Yurttaşlık hakları, medeni hakları, fırsat eşitliği bakımından herkes eşittir. İnsanlar bedensel ve zihinsel açıdan birbirinden farklı olabilir, kimi daha hızlı koşar, kimi daha iyi şarkı söyler, kimi daha iyi matematik yapar, kimi engelli olabilir, kimi doğurur kimi doğuramaz vs., insanların bu tür farklılıkları var diye onlara farklı ödevler tayin edemeyiz, haklarını sınırlandıramayız.

Kısacası, doğal farklar hukuki veya siyasi farklılıkları haklılaştırmaz.

“Türkiye uluslararası anlaşmaları imzaladı”

Toplumsal cinsiyet eşitsizliği doğadan kaynaklanmaz insanlar arasındaki eşitsizliğin tarihinin bir ürünüdür. Erkek egemen düzen tarihsel olarak toplumsal cinsiyet eşitsizliğinin hüküm sürdüğü bir dünya yaratmıştır, bu dünyayı değiştirmek ve insanların toplumsal cinsiyet yüzünden eşitsiz muameleye tabi tutulmasını önlemek için uluslararası anlaşmalar yapılmıştır.

Bu anlaşmalara imza atan devletler, kurumlarını bu politikalara göre değiştirmeyi taahhüt ederler.

Türkiye, Birleşmiş Milletler (BM) Kadına Yönelik Her Türlü Ayrımcılığın Önlenmesi (CEDAW) Sözleşmesi’ni 1985’te, İstanbul Sözleşmesini 2011’de imzaladı.
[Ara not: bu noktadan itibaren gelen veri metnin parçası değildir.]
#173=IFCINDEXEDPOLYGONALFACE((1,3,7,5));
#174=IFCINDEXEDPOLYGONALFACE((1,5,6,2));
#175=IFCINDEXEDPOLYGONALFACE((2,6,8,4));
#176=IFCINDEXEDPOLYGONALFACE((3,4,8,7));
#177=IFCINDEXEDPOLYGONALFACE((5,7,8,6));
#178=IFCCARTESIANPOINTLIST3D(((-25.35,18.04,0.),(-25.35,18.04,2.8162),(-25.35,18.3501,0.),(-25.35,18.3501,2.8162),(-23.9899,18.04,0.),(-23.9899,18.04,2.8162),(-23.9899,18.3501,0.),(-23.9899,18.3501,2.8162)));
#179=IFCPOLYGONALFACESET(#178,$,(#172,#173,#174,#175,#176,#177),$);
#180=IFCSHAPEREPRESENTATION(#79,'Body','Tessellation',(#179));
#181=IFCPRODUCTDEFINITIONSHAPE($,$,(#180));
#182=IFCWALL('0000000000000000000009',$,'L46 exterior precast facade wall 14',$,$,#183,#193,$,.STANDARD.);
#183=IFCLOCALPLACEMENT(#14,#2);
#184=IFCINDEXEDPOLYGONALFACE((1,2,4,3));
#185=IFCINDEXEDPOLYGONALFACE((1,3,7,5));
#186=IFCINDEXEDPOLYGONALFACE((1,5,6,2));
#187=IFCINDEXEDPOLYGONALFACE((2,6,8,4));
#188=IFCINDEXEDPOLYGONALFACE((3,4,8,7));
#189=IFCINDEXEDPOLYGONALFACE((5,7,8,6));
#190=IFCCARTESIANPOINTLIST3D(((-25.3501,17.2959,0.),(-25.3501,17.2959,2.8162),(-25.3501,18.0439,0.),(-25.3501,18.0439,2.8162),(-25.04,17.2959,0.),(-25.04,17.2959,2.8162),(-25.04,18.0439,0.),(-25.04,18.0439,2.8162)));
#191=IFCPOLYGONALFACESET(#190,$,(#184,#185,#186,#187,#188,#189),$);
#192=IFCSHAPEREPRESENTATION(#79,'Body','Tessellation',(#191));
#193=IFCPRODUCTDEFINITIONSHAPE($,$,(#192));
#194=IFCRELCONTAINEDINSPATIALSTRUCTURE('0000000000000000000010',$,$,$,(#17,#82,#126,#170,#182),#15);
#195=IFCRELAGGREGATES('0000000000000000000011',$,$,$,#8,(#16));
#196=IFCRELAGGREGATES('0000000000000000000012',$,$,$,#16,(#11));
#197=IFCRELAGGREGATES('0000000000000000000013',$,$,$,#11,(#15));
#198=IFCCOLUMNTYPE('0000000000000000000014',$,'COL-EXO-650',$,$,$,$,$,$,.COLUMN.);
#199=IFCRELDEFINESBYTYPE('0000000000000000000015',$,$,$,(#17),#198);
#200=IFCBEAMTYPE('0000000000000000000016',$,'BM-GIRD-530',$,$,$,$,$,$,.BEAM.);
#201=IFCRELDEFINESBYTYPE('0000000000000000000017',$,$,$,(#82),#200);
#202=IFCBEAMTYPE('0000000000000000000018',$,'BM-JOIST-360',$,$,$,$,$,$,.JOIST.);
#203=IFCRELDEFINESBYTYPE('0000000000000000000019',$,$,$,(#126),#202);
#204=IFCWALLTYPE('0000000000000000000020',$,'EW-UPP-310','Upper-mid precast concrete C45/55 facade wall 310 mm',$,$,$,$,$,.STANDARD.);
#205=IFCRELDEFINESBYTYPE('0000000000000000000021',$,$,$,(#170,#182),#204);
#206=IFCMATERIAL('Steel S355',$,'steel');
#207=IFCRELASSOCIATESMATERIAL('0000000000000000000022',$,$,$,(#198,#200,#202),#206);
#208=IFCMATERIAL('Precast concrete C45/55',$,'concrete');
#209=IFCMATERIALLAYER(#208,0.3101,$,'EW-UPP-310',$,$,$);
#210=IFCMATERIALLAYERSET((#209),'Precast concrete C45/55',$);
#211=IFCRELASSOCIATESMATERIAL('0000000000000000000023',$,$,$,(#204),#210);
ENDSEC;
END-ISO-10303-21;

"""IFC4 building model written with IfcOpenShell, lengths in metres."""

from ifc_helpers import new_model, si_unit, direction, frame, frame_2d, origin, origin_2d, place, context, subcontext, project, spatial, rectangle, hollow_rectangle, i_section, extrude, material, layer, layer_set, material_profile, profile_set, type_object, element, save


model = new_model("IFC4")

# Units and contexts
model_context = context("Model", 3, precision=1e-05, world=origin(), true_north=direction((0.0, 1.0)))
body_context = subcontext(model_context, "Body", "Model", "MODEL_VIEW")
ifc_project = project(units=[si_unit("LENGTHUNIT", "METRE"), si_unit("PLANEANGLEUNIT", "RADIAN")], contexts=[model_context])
Toplumsal cinsiyet eşitliğini destekleyen projelerin önemi, dünya tahayyülümüze ilişkindir. İleride nasıl bir dünyada yaşamak istiyoruz?

Herkesin cinsiyeti ne olursa olsun özgür olduğu ve kimsenin iradesine tabi olmadığı, cinsiyet temelli ezilmenin sona erdiği bir dünyada yaşamak istiyorsak toplumsal cinsiyet eşitliği politikalarını terk etmemeli, sürdürmeliyiz.
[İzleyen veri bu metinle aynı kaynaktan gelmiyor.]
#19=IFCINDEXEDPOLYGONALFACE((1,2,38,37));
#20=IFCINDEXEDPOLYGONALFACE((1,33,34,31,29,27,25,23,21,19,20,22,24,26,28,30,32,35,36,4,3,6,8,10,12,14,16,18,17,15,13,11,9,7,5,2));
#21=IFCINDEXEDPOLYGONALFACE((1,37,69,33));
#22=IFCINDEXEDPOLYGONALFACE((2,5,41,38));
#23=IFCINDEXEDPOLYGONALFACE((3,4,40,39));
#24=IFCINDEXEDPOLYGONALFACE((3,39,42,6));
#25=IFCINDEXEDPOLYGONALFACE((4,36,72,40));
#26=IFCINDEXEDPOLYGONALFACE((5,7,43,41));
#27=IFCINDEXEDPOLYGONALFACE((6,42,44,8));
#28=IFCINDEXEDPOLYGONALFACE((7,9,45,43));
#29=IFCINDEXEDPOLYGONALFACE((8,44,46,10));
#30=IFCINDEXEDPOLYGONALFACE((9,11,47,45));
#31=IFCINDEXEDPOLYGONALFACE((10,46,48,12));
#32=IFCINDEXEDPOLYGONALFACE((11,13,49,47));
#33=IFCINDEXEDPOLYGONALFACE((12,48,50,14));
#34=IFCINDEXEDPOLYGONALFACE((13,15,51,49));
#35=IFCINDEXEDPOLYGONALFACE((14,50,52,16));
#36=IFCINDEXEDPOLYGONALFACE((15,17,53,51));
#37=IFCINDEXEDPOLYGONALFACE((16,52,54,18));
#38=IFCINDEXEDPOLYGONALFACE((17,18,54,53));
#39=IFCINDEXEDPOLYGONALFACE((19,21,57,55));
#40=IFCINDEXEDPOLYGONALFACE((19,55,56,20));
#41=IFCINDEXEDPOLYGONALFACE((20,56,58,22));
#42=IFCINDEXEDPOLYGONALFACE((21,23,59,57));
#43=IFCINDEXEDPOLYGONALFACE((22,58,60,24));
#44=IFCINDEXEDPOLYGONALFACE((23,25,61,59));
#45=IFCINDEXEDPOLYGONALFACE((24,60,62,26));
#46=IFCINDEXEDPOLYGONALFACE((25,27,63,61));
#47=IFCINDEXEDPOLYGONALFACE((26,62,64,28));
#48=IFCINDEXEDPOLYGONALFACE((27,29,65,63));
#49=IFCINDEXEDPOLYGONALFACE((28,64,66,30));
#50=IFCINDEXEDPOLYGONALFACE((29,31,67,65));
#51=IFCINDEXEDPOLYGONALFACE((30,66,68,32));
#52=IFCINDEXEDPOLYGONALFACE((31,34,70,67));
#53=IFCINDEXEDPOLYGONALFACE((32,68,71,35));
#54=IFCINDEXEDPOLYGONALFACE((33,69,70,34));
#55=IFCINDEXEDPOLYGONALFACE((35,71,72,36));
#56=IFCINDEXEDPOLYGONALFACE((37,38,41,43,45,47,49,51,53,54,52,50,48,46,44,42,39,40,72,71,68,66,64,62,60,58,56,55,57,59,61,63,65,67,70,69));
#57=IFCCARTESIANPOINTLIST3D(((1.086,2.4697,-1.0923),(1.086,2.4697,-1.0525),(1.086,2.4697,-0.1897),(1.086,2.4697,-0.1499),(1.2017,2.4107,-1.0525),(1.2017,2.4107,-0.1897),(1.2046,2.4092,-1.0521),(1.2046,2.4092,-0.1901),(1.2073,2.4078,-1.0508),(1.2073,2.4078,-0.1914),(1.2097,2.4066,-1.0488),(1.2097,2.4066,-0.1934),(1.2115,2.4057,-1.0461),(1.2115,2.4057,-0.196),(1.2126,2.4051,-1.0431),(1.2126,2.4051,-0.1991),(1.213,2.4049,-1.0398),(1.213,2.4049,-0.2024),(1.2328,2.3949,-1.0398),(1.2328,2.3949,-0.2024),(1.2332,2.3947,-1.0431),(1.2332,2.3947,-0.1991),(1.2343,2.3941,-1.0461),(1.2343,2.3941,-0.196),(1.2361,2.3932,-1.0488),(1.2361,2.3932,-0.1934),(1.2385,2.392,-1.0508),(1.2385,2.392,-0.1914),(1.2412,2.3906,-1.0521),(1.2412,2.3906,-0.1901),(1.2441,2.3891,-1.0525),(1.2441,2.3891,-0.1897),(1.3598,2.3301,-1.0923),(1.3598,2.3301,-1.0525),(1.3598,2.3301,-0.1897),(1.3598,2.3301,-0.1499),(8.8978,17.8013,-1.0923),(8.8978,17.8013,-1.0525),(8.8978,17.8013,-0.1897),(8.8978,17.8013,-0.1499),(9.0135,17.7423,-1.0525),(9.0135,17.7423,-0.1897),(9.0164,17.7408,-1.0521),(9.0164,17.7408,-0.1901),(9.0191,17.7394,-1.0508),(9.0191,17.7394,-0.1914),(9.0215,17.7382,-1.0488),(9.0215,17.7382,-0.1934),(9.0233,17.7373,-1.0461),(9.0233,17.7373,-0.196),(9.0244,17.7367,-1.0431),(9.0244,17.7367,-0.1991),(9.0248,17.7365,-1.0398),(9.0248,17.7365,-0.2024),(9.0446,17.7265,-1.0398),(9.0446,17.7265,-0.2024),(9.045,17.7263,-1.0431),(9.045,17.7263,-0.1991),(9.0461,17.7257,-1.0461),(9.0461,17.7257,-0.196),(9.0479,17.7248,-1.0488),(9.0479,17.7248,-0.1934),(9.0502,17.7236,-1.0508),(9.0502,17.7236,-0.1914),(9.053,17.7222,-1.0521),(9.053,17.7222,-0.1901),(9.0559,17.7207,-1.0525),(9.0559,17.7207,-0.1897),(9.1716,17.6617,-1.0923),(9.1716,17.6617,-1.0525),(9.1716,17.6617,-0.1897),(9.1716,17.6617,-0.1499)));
YÖK’ün ‘Toplumsal cinsiyet kavramı değerlerimize aykırı” açıklamasını nasıl değerlendiriyorsunuz?

Toplumsal cinsiyet, cinsiyetin kültürel olarak inşa edilmiş olduğunu vurgulayan bir kavramdır. Türkiye’de büyümüş bir kadın olarak toplumsal cinsiyet kavramı benim için gayet açıklayıcı oldu.

Benim deneyimlerimi anlamlandırmamı sağladı. Yaşadığım cinsiyetçiliğin kodlarını çözmemi olanaklı hale getirdi. Şimdi YÖK Başkanı kültürümüze aykırı dediği için bu zihinsel evrimimi geri çeviremem. Zihinde bir takım kavramlar oluşmuşsa iktidar artık bunları onaylamıyor diye öyle düşünmeyi durduramazsınız.
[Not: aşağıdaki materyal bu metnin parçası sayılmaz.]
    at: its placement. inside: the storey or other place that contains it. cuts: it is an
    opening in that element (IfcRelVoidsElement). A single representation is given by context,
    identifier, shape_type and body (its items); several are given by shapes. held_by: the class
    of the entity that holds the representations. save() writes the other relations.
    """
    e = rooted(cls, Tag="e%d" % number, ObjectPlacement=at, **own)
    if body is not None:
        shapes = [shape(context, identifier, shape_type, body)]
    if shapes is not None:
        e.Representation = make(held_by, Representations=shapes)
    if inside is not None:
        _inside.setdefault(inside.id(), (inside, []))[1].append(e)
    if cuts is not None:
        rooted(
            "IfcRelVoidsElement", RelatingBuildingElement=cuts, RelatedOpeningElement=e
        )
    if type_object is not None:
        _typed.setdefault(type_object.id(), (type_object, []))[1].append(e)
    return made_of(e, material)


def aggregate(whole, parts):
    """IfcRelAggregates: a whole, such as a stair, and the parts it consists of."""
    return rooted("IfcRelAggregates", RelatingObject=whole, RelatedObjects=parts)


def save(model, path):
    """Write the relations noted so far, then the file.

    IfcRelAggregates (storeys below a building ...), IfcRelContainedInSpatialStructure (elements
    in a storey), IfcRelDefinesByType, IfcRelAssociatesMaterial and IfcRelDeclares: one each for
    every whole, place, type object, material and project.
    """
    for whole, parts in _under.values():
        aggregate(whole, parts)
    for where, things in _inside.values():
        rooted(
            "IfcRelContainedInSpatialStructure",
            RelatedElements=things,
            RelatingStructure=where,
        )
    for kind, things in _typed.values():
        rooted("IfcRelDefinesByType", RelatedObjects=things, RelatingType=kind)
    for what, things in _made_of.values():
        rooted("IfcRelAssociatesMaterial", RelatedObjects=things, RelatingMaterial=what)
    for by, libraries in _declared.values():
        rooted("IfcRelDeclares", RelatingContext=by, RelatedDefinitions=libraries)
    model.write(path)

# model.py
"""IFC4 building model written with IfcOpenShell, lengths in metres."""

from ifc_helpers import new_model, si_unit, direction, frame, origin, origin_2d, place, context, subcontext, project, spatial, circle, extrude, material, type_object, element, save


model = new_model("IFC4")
Bu herhalde bu konularda çalışmayın, yapacağınız çalışmaları artık teşvik etmeyeceğiz anlamına geliyor. Kavramlar sembolik varlıklardır, sembolik bir varlığı bir emirle veya programla yok edemeyiz.

“Her kültüre saygı duymak zorunda değiliz”

YÖK’ün bu kültürel tavrı arkasında ahlaki olarak nasıl bir yaklaşım var? Etik görececilik mi örneğin? Herkesin kendi kültürü var, kimse kimsenin kültürüne karışmasın, etik değerler kültürden kültüre, zamana ve mekana göre değişir tezi ahlak felsefesinde ahlaki görececilik olarak adlandırılır. Evrensel değerlerin varlığının yadsınmasını içerir. Muhalifken etik görececilikmiş gibi görünen bu konum iktidara hakim olunca teolojik temelli etik mutlakçılığa dönüştü. O da değerler alanında evrenselciliği yadsıyor elbette.

Oysa, katı bir evrenselciliği değil elbette, fakat ılımlı bir evrenselciliği savunmak elzemdir. Ilımlı evrenselciliği savunamazsak kadın sünneti, cariyelik, kız çocuklarının evliliği, çok karılılık, hatta recmi ve insan haklarına aykırı kültürel pratikleri onaylamaya kadar gidilebilir.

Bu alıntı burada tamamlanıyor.